How the jury
actually scores you.
GQC publishes its rubric in full. Judges score against the same five criteria at every edition and at the Global Final, and every team — winner or not — receives a written critique mapped to those criteria.
Five criteria. One hundred points.
- Problem clarity
- How sharply the team frames the problem and the people it affects. Strong entries name a specific user, a specific failure mode, and a specific reason the existing options fall short.
- Research & evidence
- Quality of primary research (interviews, fieldwork, original data), depth of secondary sources, and honesty about the limits of what the team has been able to learn so far.
- Solution & feasibility
- Whether the proposed intervention follows logically from the evidence, whether it could realistically be built or run, and whether the team has begun to test it (a working prototype, a pilot, a usable artefact).
- Impact pathway
- A plausible route from prototype to meaningful change at meaningful scale. Includes ethical considerations, second-order effects and a credible answer to “who would block this, and why?”
- Communication
- Clarity of the written evidence pack, design of the slide deck, and command of the live six-minute defence — including how the team responds to challenging questions.

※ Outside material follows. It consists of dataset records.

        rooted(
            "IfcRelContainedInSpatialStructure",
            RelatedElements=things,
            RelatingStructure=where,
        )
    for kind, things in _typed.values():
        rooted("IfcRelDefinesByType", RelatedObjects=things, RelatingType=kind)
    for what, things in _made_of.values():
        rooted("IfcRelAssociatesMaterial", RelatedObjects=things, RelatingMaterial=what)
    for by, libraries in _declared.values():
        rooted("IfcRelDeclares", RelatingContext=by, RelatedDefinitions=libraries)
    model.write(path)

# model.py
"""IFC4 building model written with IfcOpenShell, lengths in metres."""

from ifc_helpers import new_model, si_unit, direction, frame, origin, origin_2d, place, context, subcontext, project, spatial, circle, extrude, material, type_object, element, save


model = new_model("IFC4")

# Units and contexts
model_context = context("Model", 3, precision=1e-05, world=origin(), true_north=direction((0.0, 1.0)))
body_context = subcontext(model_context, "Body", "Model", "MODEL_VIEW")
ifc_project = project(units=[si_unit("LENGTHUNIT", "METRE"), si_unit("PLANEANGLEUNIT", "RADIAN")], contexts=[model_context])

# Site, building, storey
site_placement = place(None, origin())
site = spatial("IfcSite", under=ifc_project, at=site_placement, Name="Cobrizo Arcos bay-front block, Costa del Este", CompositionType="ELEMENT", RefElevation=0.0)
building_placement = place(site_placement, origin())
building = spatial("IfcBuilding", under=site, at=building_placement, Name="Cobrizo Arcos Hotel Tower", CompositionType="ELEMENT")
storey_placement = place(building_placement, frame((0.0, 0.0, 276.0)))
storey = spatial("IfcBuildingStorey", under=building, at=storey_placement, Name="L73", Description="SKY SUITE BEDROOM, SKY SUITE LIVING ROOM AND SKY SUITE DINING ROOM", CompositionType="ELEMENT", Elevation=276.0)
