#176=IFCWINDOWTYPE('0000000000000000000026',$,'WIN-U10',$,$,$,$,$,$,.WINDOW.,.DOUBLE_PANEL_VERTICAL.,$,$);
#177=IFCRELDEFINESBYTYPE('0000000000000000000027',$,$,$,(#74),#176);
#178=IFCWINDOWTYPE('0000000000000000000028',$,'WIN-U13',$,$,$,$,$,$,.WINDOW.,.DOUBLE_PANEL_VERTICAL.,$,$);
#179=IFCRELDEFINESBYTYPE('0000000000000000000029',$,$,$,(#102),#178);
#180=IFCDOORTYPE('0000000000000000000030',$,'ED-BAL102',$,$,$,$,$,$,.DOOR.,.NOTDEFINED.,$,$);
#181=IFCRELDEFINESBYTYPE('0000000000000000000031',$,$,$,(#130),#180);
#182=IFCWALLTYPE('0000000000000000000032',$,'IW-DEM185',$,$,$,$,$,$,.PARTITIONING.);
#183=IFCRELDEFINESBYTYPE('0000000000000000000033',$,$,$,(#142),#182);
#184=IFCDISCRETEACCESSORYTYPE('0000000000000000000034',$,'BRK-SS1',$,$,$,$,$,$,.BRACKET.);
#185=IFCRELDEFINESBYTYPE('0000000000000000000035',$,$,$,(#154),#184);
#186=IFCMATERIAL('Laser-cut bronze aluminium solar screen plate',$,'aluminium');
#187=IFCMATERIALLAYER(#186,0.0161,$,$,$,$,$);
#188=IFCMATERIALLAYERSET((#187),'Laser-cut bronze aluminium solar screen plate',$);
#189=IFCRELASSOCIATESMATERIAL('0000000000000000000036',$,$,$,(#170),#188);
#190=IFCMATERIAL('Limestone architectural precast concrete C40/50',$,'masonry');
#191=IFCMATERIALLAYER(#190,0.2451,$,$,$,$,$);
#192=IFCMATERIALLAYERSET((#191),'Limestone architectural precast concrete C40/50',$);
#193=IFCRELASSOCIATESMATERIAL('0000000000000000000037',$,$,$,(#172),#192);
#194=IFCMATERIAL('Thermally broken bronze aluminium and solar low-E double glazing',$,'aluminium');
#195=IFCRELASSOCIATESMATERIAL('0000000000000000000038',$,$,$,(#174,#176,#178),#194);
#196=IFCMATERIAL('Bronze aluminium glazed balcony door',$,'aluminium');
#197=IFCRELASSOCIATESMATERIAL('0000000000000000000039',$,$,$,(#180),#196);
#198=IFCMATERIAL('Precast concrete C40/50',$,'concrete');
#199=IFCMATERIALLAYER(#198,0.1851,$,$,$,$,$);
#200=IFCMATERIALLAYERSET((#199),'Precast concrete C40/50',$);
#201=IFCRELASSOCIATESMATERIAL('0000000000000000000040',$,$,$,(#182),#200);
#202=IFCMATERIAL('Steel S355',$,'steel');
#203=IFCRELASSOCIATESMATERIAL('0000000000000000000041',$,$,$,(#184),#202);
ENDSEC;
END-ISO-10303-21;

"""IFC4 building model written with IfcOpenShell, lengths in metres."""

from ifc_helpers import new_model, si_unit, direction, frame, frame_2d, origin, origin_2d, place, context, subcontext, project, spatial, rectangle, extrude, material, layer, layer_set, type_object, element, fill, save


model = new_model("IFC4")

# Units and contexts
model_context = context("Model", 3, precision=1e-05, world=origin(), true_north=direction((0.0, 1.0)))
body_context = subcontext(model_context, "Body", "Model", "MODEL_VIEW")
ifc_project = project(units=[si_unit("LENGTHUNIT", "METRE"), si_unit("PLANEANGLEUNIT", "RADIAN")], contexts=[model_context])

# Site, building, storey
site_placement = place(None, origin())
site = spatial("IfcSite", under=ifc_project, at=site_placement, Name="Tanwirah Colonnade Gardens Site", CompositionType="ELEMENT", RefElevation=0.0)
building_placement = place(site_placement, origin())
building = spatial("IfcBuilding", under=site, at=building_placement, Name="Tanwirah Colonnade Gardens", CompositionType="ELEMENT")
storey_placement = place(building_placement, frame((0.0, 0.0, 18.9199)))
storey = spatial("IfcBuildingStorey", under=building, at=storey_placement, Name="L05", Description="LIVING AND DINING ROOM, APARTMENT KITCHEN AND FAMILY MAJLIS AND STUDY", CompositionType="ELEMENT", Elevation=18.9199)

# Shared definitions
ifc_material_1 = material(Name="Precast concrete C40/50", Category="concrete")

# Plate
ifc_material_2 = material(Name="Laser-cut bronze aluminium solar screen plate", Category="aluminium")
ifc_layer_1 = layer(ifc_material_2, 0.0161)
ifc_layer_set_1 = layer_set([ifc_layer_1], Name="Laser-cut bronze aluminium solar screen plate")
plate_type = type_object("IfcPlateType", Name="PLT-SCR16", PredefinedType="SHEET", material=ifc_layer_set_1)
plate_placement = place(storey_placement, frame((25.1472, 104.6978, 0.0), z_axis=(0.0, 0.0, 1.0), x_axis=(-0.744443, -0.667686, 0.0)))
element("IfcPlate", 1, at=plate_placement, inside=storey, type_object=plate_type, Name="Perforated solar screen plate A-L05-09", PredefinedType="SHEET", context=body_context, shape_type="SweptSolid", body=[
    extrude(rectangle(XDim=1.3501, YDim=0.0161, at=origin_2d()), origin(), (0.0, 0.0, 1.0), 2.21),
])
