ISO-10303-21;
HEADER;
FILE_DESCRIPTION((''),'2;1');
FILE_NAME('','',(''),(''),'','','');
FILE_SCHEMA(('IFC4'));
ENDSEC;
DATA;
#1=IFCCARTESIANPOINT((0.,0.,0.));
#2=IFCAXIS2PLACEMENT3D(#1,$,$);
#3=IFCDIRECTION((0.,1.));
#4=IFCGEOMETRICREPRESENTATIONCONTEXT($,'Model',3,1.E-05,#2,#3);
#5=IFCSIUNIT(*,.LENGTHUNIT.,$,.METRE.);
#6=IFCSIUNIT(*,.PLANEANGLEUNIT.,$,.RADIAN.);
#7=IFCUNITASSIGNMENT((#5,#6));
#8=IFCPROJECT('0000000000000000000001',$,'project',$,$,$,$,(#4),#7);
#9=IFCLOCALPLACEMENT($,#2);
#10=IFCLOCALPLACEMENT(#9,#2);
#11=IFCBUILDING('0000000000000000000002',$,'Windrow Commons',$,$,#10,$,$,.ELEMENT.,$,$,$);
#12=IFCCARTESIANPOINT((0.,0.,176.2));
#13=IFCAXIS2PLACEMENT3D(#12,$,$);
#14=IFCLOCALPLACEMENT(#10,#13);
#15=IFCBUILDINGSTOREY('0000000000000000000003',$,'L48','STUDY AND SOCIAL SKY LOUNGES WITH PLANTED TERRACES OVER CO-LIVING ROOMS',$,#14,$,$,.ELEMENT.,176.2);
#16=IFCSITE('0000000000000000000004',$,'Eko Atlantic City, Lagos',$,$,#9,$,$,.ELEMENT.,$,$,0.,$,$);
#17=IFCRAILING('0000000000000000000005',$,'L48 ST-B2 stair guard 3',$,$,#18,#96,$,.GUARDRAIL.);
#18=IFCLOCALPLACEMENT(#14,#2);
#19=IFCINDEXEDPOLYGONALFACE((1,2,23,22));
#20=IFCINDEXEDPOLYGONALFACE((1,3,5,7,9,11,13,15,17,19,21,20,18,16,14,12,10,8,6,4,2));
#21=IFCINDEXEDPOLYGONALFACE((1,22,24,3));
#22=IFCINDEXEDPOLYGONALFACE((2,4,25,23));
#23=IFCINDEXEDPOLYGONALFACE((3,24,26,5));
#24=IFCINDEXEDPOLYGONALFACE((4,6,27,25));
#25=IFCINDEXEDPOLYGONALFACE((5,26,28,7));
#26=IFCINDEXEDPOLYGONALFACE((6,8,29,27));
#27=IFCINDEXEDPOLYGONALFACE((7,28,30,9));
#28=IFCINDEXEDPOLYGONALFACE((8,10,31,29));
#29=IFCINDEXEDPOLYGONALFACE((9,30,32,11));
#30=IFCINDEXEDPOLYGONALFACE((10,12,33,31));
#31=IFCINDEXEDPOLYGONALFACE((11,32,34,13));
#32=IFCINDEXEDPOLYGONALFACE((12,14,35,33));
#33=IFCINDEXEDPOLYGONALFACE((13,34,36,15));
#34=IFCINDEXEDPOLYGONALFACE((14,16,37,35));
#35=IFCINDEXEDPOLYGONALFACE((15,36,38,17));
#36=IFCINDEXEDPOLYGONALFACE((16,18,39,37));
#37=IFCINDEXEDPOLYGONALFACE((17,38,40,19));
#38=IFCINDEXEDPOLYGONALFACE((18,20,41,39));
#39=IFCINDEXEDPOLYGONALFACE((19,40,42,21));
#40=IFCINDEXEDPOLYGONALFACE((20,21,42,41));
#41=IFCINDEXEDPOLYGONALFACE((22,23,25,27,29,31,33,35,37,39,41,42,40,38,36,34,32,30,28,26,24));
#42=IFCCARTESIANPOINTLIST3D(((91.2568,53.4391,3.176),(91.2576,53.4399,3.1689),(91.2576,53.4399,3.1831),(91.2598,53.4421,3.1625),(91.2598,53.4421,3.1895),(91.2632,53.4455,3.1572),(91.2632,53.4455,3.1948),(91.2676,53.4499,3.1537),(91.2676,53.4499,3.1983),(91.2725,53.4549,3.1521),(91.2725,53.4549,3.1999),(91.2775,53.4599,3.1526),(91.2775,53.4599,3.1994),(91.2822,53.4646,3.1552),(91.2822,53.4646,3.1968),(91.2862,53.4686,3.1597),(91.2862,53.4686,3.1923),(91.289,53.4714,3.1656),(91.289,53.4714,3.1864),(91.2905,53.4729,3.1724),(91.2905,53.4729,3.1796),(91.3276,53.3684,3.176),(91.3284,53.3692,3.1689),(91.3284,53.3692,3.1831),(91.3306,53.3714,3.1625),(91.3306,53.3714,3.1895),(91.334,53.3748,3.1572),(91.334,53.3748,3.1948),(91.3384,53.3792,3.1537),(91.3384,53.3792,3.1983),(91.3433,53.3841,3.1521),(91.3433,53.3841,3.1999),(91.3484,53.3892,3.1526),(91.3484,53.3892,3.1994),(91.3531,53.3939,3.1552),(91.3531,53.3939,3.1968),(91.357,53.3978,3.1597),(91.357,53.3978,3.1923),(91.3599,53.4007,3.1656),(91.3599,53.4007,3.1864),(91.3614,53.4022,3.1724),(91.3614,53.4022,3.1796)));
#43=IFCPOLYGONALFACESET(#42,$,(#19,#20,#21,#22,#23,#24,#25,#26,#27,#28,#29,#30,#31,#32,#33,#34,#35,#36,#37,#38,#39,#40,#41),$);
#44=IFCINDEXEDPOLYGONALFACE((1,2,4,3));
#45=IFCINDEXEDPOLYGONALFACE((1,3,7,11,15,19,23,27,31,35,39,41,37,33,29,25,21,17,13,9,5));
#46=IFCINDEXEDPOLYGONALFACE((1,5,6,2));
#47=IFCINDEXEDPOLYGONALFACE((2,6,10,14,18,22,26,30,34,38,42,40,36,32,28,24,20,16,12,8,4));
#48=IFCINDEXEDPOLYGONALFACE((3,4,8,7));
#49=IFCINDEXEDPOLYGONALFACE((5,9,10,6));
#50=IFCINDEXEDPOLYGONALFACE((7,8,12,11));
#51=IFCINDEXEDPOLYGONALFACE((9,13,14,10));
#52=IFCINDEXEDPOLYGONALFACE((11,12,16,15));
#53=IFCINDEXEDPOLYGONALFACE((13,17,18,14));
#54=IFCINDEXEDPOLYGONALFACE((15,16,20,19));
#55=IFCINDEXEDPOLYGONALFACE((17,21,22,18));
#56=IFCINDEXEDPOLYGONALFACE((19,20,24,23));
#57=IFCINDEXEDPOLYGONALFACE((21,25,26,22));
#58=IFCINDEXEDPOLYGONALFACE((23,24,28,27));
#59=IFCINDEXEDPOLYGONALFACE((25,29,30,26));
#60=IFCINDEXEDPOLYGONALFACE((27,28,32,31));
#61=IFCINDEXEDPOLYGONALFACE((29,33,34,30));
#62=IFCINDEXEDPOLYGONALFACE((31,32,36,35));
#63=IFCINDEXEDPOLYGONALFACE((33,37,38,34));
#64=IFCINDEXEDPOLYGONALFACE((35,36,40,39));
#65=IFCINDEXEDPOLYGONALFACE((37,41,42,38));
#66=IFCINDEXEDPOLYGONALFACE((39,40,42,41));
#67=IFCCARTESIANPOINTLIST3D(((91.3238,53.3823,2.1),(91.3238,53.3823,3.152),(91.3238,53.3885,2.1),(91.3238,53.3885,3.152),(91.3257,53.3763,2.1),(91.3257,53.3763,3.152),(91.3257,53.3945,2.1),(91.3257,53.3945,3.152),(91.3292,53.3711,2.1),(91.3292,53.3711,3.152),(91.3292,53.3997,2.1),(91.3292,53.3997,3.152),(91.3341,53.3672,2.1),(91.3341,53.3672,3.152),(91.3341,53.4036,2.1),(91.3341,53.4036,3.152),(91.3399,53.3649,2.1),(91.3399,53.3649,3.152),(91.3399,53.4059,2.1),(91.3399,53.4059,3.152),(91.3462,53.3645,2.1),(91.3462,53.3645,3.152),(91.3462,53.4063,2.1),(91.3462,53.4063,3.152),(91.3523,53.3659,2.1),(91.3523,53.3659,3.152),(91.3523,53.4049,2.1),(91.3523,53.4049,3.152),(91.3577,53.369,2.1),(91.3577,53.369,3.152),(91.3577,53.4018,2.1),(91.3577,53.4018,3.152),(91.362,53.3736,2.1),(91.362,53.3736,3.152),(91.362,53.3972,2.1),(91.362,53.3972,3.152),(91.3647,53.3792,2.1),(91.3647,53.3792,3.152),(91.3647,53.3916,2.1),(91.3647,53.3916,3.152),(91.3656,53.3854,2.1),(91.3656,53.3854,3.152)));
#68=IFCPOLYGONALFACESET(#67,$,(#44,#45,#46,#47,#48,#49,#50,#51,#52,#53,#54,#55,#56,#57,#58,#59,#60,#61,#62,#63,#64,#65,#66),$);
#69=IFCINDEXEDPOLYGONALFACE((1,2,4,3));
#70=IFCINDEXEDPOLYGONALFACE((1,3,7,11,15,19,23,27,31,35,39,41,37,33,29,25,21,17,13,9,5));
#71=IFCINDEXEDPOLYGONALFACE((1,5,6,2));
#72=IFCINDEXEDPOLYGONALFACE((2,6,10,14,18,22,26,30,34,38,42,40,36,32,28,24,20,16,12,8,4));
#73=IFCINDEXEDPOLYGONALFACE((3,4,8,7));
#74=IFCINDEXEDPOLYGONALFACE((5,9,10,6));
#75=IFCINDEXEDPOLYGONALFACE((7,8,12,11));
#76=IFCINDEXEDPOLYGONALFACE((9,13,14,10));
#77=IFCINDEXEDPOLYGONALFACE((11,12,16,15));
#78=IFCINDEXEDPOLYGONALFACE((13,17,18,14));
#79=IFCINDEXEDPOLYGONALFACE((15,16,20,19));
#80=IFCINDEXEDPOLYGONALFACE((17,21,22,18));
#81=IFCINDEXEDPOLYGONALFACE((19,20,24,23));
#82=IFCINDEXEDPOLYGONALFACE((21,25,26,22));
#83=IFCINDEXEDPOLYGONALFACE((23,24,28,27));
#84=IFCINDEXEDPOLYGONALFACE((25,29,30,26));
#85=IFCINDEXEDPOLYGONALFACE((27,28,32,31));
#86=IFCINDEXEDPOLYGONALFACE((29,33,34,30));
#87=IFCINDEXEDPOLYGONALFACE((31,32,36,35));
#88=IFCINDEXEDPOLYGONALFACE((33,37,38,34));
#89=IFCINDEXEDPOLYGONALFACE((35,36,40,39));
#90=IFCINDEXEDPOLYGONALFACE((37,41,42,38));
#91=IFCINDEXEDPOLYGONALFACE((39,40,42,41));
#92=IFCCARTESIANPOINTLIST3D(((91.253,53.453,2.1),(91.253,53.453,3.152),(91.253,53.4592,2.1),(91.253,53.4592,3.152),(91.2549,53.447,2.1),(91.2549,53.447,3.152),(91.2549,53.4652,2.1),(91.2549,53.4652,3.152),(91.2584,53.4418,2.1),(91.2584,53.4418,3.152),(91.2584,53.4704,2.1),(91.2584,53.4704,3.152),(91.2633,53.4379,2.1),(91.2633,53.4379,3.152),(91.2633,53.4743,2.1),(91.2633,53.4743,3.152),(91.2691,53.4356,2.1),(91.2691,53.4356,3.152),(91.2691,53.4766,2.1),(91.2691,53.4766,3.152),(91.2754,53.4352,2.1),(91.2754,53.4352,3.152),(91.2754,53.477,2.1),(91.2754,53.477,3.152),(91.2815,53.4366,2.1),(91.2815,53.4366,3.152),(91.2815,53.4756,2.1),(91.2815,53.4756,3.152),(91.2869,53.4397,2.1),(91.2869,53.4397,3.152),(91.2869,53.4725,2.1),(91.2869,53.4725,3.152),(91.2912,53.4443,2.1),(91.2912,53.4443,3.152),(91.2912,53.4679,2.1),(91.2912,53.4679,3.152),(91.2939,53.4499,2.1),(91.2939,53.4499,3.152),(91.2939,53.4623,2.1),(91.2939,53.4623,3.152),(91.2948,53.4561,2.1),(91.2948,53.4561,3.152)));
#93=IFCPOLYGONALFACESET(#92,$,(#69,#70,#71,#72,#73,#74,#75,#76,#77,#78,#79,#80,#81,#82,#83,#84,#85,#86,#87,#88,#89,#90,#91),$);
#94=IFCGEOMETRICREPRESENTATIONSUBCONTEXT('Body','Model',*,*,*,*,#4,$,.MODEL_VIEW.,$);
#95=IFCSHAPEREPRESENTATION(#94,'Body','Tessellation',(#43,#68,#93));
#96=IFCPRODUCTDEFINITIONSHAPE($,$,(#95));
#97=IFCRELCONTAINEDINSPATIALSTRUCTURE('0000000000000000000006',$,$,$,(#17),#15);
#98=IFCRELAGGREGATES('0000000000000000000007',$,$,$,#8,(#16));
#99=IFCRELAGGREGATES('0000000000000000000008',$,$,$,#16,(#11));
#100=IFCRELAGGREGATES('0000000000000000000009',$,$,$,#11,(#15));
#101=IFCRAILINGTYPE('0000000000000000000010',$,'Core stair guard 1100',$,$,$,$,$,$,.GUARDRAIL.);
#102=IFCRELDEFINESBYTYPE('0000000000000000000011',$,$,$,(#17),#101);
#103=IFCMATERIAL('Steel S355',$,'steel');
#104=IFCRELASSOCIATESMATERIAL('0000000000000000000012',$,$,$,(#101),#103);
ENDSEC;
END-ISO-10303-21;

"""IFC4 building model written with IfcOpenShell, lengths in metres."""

from ifc_helpers import new_model, si_unit, direction, frame, origin, origin_2d, place, context, subcontext, project, spatial, circle, extrude, material, type_object, element, save


model = new_model("IFC4")

# Units and contexts
model_context = context("Model", 3, precision=1e-05, world=origin(), true_north=direction((0.0, 1.0)))
body_context = subcontext(model_context, "Body", "Model", "MODEL_VIEW")
ifc_project = project(units=[si_unit("LENGTHUNIT", "METRE"), si_unit("PLANEANGLEUNIT", "RADIAN")], contexts=[model_context])

# Site, building, storey
site_placement = place(None, origin())
site = spatial("IfcSite", under=ifc_project, at=site_placement, Name="Eko Atlantic City, Lagos", CompositionType="ELEMENT", RefElevation=0.0)
building_placement = place(site_placement, origin())
building = spatial("IfcBuilding", under=site, at=building_placement, Name="Windrow Commons", CompositionType="ELEMENT")
storey_placement = place(building_placement, frame((0.0, 0.0, 176.2)))
storey = spatial("IfcBuildingStorey", under=building, at=storey_placement, Name="L48", Description="STUDY AND SOCIAL SKY LOUNGES WITH PLANTED TERRACES OVER CO-LIVING ROOMS", CompositionType="ELEMENT", Elevation=176.2)

# Railing
ifc_material_1 = material(Name="Steel S355", Category="steel")
railing_type_1 = type_object("IfcRailingType", Name="Core stair guard 1100", PredefinedType="GUARDRAIL", material=ifc_material_1)
railing_1_placement = place(storey_placement, frame((91.3446, 53.3854, 2.1)))
element("IfcRailing", 1, at=railing_1_placement, inside=storey, type_object=railing_type_1, Name="L48 ST-B2 stair guard 3", PredefinedType="GUARDRAIL", context=body_context, shape_type="SweptSolid", body=[
    extrude(circle(Radius=0.024, at=origin_2d()), frame((0.0, 0.0, 1.076), z_axis=(-0.707606, 0.706607, 0.0), x_axis=(-0.706607, -0.707606, 0.0)), (0.0, 0.0, 1.0), 0.1001),
    extrude(circle(Radius=0.021, at=origin_2d()), origin(), (0.0, 0.0, 1.0), 1.052),
    extrude(circle(Radius=0.021, at=origin_2d()), frame((-0.0708, 0.0707, 0.0)), (0.0, 0.0, 1.0), 1.052),
])

save(model, "model.ifc")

Three independent reads, one panel session.
Every entry that reaches the showcase is read by three judges independently before any panel discussion. Each judge files a written score sheet broken down by the five criteria above, plus a short qualitative critique. The three sheets are released to the team after the showcase, with judge names anonymised.
For finalist teams, a panel session combines the three reads with the live pitch and a fifteen-minute oral defence. The panel must agree by majority on rank order; disagreements are recorded and shared with the team where relevant.

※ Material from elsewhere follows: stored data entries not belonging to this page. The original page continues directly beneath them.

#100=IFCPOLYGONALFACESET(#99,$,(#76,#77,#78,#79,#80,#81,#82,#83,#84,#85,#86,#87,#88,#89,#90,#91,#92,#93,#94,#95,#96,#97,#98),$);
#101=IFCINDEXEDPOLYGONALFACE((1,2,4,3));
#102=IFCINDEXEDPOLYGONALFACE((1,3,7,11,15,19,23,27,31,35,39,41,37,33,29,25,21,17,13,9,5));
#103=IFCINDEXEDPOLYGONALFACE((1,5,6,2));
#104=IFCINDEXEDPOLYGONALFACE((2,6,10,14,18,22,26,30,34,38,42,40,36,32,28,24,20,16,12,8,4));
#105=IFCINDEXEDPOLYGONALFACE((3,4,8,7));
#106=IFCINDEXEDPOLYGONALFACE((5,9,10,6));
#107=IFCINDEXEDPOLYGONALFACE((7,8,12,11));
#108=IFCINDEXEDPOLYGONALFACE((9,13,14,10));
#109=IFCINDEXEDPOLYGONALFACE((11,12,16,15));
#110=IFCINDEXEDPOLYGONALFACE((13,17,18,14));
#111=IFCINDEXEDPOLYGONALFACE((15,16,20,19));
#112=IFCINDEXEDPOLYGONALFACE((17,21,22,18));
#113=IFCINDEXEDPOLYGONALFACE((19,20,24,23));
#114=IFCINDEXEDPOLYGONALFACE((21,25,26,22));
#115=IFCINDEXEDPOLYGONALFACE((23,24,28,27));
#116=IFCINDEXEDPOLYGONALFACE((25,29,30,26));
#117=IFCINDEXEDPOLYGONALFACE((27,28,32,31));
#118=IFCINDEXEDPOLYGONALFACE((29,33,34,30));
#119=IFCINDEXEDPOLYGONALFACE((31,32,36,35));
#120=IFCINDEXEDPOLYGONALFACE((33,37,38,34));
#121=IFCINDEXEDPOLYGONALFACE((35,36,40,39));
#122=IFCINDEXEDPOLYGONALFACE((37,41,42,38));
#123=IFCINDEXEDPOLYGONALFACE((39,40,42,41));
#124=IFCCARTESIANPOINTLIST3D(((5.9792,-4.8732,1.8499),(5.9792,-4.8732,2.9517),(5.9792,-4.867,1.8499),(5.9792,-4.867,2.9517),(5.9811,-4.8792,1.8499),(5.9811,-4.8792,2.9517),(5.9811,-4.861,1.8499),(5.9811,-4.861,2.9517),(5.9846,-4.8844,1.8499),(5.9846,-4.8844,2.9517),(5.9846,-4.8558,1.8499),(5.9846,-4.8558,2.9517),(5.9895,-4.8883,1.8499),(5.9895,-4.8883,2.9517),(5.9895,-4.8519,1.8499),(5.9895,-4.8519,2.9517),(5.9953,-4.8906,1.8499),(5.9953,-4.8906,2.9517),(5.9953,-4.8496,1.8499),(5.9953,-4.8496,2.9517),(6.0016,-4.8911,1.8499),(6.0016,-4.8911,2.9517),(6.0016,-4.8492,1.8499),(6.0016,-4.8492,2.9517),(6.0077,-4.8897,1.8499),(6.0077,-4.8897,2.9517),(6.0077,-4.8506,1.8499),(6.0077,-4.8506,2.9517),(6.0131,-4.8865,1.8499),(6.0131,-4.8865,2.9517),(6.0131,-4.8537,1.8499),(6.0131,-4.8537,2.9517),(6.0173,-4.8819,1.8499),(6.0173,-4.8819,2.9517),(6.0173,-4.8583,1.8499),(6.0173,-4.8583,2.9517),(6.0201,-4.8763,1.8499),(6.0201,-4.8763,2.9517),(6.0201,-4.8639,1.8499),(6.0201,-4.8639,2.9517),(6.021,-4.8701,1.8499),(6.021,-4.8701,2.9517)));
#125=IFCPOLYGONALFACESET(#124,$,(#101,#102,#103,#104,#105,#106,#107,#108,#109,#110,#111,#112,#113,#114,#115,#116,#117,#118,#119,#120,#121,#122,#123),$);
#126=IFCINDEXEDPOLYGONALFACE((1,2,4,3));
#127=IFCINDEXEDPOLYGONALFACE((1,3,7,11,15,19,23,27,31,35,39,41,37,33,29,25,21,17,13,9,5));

This structure is closer to the peer-review processes used at academic conferences and at programmes such as the Regeneron Science Talent Search than it is to traditional pitch-day competitions. We are willing to trade a little theatre for considerably more useful feedback.
What winning means.
- City Winner · per edition
- Awarded to the top-scoring team in each track at each regional showcase. Includes a £15,000 seed grant, a year of post-programme mentorship, and a guaranteed slot at the Global Final.
- Founder’s Prize
- For the project judged most likely to become a real venture, business or non-profit. £25,000 grant and a partner-led accelerator place.
- Research Prize
- For the project that most advances understanding of its problem area, independent of commercial promise. £15,000 grant, with a route to publication in a partner journal.
- Impact Prize
- For the project that demonstrates the most credible pathway to public benefit. £15,000 grant and a placement with a partner civic body.
- GQC Medal
- Awarded to one team across all tracks for the year’s strongest overall body of work. Engraved medal and a permanent place in the GQC alumni council.